Soni movie: Geetika Vidya Ohlyan, Saloni Batra, Mohit Chauhan, Vikas Shukla
Soni movie director: Ivan Ayr
Soni movie rating: Two and a half stars
Soni is a tale not usually told in Indian cinema, even in its indie-edgy avatar. Spirited females have short-lived arcs, and are usually weakened by word or deed in order to make the man look better. Ivan Ayr’s debut feature stands out by making its lead protagonists women who lead by example.
Kalpana (Batra) is the senior of the two, both pay-grade wise and socially. Soni (Ohlyan) is younger, hot-headed, and much less able to control her feelings. This is her weak spot, and we see her struggling with this just as much as a man in her position would, but you wonder would the man be demoted just as she would, or would he be given a third or a fourth chance?
The setting is Delhi, and we see many cities, just as it is.

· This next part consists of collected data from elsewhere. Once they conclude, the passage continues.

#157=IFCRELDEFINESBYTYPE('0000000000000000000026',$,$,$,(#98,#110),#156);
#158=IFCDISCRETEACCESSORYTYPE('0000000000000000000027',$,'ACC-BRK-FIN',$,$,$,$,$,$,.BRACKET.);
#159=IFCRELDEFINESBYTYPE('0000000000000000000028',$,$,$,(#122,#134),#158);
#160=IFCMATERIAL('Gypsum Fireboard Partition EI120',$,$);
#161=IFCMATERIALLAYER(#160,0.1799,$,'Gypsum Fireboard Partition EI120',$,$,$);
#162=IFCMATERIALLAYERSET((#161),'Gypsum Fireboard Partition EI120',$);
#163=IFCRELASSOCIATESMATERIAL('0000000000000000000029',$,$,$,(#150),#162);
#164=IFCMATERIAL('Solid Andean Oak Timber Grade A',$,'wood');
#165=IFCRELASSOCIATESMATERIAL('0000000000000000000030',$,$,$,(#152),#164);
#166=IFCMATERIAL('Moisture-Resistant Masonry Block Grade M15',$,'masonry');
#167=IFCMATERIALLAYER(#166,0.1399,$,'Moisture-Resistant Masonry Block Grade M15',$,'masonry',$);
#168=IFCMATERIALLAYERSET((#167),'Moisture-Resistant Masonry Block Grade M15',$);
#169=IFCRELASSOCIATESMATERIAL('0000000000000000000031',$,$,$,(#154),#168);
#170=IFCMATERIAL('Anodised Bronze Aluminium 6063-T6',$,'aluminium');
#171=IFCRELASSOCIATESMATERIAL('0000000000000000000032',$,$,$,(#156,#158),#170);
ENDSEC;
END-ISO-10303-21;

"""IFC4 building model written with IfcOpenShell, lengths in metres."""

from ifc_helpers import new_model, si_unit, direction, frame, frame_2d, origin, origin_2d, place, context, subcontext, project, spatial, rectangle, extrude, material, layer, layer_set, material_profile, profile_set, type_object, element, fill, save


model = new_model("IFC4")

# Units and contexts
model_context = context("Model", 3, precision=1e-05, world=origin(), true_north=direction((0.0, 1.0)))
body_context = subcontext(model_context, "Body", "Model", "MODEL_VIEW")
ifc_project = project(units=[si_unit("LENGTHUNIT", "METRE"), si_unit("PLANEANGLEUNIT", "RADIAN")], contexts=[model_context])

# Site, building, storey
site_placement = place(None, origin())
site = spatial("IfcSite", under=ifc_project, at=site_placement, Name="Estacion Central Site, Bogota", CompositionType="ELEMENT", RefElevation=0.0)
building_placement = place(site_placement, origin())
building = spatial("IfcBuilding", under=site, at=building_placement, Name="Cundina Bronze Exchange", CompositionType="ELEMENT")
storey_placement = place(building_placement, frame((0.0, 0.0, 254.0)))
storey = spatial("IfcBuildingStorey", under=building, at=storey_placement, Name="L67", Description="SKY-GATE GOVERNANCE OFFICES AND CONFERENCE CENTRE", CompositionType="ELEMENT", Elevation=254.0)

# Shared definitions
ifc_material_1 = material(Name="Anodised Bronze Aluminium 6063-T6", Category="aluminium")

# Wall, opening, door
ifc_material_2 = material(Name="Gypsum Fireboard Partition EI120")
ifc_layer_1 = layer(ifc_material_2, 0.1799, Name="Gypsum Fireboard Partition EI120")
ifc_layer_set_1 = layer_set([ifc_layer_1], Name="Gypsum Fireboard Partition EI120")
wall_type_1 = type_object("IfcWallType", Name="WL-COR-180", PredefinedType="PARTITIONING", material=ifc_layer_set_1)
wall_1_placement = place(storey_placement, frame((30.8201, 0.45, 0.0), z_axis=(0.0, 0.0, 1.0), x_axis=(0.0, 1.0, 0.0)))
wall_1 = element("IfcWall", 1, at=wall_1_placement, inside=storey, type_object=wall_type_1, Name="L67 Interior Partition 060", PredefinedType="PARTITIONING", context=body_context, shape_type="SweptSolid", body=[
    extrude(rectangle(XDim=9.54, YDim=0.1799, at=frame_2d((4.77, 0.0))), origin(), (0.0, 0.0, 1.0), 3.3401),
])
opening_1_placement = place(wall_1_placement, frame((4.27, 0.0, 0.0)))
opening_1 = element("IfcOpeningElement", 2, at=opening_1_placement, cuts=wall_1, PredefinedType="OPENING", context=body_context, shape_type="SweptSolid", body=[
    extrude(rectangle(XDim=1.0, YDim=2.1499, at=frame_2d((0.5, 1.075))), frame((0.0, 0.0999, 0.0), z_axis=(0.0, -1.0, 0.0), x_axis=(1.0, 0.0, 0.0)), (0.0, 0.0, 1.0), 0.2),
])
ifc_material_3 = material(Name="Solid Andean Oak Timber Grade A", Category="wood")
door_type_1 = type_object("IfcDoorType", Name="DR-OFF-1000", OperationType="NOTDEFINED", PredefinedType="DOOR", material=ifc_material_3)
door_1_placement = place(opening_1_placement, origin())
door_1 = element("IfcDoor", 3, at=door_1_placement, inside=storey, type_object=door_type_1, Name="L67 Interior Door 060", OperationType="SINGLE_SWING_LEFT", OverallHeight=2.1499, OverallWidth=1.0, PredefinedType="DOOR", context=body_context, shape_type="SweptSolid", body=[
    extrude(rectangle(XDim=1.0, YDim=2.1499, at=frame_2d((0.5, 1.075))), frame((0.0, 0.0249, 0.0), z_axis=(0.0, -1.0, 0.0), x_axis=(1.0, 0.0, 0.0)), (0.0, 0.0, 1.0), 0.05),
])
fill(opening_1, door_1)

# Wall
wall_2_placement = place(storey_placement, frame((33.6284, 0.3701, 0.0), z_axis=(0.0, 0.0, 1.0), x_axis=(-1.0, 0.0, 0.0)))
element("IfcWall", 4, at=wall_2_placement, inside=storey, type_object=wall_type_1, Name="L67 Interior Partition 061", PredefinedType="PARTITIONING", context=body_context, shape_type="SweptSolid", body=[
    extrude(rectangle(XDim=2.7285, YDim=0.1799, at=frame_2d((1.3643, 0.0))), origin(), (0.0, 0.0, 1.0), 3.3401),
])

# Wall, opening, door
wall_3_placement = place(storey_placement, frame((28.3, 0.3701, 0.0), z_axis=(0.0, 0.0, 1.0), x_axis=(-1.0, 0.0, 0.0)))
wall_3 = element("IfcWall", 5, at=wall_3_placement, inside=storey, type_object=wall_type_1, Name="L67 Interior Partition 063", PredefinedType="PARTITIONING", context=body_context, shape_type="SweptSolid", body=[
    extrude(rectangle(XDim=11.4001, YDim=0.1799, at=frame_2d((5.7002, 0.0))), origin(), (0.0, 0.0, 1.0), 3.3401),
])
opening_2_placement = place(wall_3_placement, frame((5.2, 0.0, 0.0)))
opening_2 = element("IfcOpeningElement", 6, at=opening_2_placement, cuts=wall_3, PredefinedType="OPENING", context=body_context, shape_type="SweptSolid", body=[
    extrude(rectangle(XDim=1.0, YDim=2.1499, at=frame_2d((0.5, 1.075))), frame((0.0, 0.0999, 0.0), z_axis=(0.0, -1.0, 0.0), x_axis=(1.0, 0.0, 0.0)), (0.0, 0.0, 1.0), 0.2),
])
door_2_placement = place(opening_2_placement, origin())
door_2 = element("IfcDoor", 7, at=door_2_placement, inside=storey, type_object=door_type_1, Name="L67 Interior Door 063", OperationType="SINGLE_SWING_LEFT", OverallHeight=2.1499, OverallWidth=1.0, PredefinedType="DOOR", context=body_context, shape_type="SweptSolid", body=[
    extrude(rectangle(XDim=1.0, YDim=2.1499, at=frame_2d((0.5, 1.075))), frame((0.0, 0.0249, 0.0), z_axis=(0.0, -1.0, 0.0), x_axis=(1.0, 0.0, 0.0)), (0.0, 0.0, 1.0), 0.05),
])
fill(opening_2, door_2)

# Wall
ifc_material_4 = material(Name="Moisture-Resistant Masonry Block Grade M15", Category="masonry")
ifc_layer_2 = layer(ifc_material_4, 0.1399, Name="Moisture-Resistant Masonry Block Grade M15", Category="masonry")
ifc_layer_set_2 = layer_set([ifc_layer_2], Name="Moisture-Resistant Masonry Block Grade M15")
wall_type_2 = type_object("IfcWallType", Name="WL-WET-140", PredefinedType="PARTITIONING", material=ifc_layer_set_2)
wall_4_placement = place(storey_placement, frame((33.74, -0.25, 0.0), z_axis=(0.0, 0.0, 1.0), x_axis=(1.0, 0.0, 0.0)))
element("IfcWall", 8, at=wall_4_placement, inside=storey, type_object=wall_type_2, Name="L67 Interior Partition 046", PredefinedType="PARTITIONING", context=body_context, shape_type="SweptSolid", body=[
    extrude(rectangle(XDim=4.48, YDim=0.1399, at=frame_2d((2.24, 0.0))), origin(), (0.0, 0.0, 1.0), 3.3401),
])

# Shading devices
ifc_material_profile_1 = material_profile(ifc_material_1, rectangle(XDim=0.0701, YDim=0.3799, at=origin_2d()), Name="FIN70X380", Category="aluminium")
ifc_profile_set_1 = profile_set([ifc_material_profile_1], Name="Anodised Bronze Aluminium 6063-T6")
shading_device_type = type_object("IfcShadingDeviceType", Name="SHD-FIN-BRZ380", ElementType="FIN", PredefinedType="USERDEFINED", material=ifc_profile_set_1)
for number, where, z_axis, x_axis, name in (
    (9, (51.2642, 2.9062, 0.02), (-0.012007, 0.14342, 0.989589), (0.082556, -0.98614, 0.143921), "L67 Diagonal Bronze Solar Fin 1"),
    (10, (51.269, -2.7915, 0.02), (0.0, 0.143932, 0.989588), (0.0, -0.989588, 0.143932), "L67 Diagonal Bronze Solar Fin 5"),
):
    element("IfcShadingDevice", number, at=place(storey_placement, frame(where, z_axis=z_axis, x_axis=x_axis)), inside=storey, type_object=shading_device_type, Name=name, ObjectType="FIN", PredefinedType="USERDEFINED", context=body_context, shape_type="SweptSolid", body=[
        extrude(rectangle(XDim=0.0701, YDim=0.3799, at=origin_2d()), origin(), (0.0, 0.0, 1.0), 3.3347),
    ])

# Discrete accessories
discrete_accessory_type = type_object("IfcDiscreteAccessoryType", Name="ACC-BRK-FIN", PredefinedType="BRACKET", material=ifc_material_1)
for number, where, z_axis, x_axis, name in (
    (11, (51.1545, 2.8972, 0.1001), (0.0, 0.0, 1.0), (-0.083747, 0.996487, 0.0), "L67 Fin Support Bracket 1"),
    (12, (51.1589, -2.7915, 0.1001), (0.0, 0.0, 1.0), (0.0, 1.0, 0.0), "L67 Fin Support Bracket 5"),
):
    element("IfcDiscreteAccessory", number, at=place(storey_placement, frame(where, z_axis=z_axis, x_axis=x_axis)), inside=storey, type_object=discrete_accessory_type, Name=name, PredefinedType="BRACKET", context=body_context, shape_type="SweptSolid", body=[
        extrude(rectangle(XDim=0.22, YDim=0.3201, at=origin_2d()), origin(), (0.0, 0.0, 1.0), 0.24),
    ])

The Delhi which Soni has to negotiate, as a decoy to lure anti-social elements (the brutal rape in December 2012 is a sharp reminder of just how unsafe the Capital is), as well as someone who lives alone in her middle-class colony, the man (Shukla) in her life now on the margins. It’s not just about buying groceries for one; it’s also dealing with what regular women have to, even if they are cops.

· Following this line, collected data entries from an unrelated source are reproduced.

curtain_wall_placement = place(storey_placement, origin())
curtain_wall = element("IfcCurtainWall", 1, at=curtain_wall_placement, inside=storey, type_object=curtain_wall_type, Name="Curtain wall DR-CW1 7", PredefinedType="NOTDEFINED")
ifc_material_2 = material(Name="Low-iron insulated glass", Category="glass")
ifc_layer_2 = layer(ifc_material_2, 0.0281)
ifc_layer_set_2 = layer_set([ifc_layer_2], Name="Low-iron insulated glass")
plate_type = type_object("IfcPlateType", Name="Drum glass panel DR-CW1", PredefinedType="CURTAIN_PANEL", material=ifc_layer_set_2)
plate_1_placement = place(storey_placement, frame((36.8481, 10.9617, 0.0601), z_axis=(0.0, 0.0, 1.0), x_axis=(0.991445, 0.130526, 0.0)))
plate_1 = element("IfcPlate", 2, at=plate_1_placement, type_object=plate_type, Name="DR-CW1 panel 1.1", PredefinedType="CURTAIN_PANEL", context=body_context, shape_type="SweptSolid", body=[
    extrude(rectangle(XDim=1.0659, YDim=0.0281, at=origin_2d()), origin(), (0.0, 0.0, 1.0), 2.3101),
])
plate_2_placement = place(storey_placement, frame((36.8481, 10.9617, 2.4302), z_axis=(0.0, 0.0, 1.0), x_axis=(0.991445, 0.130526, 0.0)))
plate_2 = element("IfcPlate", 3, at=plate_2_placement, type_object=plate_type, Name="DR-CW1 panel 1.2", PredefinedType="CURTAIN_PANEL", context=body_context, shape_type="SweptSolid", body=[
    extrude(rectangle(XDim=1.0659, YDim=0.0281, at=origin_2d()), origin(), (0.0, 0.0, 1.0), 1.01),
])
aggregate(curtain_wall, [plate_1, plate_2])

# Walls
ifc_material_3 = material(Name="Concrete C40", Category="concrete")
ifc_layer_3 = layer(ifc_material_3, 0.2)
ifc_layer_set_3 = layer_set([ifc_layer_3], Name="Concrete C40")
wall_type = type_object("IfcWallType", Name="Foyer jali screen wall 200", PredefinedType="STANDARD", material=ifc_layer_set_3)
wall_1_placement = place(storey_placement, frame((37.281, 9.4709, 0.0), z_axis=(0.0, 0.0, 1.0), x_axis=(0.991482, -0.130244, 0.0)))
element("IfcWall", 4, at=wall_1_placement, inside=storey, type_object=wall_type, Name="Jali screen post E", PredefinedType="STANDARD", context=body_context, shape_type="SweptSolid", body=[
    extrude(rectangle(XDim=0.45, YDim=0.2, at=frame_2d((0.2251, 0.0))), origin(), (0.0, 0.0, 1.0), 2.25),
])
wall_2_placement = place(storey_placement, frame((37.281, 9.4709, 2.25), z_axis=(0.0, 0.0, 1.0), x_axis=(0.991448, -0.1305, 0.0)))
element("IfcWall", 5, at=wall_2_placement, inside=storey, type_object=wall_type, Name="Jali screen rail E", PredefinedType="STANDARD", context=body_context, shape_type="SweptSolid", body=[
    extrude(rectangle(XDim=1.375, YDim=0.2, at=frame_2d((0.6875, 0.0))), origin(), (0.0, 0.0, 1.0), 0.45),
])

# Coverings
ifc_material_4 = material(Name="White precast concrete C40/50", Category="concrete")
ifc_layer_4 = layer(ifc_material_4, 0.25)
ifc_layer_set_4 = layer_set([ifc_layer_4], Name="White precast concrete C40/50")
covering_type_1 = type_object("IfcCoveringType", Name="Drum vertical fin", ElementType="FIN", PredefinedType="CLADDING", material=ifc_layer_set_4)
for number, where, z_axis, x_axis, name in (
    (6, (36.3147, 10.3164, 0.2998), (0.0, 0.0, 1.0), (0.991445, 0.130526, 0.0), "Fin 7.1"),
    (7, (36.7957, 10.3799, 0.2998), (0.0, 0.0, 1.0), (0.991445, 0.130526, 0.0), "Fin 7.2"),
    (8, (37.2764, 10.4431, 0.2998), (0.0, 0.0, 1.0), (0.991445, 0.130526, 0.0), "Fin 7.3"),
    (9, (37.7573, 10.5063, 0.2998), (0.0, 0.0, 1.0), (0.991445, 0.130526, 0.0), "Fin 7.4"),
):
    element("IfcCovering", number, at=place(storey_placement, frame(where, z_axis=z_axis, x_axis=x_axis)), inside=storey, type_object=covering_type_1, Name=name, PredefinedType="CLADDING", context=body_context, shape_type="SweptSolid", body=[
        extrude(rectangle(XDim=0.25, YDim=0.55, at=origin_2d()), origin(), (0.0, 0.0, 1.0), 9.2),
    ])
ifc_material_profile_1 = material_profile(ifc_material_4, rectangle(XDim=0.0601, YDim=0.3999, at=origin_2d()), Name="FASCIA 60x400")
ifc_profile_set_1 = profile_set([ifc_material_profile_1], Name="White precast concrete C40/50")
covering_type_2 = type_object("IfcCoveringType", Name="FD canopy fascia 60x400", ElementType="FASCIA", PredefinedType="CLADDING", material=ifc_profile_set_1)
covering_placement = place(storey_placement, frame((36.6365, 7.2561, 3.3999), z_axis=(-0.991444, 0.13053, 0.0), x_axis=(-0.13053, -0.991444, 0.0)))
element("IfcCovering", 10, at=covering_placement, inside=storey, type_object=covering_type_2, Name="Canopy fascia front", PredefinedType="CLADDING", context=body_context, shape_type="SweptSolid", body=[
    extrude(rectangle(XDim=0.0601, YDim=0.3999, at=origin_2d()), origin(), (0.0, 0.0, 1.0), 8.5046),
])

Kalpana is a resident of a stand-alone house, with a supportive spouse (Chauhan) who is also clearly a senior cop. What’s truly interesting is the gender relations at play even here: the husband sees no problem in lecturing Kalpana about a problem at her workplace; her ma-in-law wants her to produce kids. She may be a senior, tough policewoman; but she is also a woman.

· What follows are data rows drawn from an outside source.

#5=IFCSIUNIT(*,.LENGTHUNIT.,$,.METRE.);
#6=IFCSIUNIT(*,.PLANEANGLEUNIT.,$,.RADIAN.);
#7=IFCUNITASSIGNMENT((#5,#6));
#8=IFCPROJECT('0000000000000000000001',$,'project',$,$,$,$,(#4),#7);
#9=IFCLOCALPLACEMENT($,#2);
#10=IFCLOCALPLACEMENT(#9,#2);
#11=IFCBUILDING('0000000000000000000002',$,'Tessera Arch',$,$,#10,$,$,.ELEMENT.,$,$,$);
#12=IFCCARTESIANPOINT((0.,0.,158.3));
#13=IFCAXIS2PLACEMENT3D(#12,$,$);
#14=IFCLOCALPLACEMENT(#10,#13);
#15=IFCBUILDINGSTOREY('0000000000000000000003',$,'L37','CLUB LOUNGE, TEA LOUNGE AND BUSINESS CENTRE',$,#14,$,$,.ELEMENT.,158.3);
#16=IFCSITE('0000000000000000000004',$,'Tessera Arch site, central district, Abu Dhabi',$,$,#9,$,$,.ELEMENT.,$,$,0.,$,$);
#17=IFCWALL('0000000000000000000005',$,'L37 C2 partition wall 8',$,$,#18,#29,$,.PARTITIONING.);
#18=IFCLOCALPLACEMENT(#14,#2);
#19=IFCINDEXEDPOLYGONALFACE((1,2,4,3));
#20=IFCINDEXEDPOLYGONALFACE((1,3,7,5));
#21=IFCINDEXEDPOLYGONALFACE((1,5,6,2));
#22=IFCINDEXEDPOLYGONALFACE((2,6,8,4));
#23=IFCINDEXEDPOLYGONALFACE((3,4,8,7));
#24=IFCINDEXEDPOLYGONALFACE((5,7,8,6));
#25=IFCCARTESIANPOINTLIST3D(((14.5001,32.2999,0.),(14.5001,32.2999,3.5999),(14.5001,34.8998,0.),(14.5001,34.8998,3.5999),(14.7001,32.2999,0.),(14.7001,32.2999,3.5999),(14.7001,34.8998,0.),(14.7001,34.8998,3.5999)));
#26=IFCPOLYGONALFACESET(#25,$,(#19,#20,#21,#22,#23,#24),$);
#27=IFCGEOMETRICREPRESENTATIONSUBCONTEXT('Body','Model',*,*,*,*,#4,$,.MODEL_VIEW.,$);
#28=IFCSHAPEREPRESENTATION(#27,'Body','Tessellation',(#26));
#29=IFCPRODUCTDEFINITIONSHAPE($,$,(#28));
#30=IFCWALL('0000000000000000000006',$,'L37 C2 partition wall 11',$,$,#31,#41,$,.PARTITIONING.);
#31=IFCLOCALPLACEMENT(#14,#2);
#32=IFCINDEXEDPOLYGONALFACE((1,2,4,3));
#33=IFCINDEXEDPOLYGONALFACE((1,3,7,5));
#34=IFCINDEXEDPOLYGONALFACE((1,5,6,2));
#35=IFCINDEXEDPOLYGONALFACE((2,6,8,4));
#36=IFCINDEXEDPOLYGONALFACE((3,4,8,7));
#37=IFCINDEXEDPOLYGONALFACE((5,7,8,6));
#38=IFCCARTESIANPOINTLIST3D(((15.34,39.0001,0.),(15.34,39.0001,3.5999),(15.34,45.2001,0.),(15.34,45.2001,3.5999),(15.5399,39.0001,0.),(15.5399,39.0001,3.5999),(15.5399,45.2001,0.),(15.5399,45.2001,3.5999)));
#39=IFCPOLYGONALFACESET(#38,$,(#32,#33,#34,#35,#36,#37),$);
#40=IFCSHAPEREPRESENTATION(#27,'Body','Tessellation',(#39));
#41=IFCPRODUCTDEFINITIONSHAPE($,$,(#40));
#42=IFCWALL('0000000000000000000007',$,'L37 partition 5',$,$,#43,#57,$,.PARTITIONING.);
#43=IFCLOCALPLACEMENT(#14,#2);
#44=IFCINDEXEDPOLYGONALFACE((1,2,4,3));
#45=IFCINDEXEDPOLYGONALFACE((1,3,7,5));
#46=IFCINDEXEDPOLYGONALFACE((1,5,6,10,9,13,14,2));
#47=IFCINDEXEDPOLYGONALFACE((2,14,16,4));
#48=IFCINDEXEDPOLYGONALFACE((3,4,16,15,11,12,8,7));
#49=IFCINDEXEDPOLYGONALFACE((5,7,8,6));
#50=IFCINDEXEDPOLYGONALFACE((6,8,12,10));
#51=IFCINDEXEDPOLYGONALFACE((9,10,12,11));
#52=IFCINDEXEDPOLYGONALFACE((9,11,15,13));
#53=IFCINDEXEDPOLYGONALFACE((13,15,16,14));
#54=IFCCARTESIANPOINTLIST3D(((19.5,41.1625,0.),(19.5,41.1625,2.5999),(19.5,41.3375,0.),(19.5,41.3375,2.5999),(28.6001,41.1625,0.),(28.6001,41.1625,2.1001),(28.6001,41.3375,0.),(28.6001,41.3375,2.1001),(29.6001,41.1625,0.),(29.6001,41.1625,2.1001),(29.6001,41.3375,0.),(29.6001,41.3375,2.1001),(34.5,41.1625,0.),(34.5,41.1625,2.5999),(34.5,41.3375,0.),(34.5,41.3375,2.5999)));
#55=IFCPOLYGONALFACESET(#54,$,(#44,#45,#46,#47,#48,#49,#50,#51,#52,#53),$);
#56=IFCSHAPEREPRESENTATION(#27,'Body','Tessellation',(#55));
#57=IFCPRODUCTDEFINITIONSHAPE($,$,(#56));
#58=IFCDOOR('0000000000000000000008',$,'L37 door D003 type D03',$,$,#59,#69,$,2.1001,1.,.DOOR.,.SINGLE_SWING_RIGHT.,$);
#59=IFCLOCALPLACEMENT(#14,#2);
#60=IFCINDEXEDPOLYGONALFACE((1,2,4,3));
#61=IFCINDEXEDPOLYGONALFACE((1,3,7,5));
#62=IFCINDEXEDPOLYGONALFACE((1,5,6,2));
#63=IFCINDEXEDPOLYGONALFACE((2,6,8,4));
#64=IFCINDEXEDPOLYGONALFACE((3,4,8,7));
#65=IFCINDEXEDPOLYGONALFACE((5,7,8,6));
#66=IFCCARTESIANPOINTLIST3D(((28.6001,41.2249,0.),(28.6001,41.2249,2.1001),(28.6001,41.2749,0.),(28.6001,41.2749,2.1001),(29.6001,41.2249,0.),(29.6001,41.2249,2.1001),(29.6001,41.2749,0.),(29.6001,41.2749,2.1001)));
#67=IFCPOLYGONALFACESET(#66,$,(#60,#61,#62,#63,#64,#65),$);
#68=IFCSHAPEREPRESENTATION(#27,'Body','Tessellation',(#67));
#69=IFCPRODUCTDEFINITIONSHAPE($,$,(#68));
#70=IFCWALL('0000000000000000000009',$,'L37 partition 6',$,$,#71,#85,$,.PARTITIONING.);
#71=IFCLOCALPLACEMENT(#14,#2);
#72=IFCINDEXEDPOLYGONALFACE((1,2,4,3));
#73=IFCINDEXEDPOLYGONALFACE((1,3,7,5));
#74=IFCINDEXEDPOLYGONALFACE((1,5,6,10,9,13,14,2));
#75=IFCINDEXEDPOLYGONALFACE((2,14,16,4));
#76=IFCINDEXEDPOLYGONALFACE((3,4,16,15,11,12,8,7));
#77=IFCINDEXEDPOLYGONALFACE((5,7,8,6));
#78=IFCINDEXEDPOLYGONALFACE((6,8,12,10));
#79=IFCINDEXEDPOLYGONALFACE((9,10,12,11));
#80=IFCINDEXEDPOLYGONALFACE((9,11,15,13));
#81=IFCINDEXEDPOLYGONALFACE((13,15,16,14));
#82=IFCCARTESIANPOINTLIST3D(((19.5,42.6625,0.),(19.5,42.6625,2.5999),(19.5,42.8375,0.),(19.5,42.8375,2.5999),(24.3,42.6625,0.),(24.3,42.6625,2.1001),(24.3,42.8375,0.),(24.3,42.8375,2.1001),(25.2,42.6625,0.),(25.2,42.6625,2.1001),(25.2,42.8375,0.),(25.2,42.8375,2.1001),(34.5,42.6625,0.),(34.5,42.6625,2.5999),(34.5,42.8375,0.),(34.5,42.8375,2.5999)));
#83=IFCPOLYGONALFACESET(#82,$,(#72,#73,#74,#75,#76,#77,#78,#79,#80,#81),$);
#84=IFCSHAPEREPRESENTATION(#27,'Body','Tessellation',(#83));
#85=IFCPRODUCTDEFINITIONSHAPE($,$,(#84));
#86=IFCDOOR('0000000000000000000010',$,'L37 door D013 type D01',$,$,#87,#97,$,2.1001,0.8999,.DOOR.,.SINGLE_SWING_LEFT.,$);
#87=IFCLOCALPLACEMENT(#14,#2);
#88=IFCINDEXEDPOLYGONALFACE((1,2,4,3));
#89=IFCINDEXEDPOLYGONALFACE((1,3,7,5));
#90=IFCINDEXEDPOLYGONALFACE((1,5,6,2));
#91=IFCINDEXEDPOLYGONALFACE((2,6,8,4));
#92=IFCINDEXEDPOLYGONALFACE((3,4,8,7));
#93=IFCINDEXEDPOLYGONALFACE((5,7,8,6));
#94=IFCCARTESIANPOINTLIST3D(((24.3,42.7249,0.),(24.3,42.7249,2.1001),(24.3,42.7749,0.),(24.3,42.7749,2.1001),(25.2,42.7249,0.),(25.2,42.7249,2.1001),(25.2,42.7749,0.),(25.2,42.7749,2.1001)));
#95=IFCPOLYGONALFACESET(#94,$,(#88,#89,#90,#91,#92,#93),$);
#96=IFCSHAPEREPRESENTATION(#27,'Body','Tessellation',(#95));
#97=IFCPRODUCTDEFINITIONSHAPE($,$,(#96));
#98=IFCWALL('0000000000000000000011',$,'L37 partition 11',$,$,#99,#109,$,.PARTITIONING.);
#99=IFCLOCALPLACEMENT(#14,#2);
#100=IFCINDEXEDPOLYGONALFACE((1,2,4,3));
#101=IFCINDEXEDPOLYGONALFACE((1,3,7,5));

What is not as convincing is some of the detailing of the relationship between the two women, even though that is the fulcrum of the movie: the ease with which Kalpana and Soni interact with each other wouldn’t really happen in real life. Cops maintain hierarchies just as much as people in other professions, and being conscious of rank and class is very much a part of their operating procedure: in real life, a senior cop like Kalpana may not find herself in the same spaces as the junior Soni.
But still, there’s a lot to be said for a film in which women are centre-stage, and do what they have to, without being forced into falling into stereotypes. Both Ohlyan and Batra are very good, inhabiting their characters and filling them with real flavour. And Soni is a worthy addition to the new stories being told in India.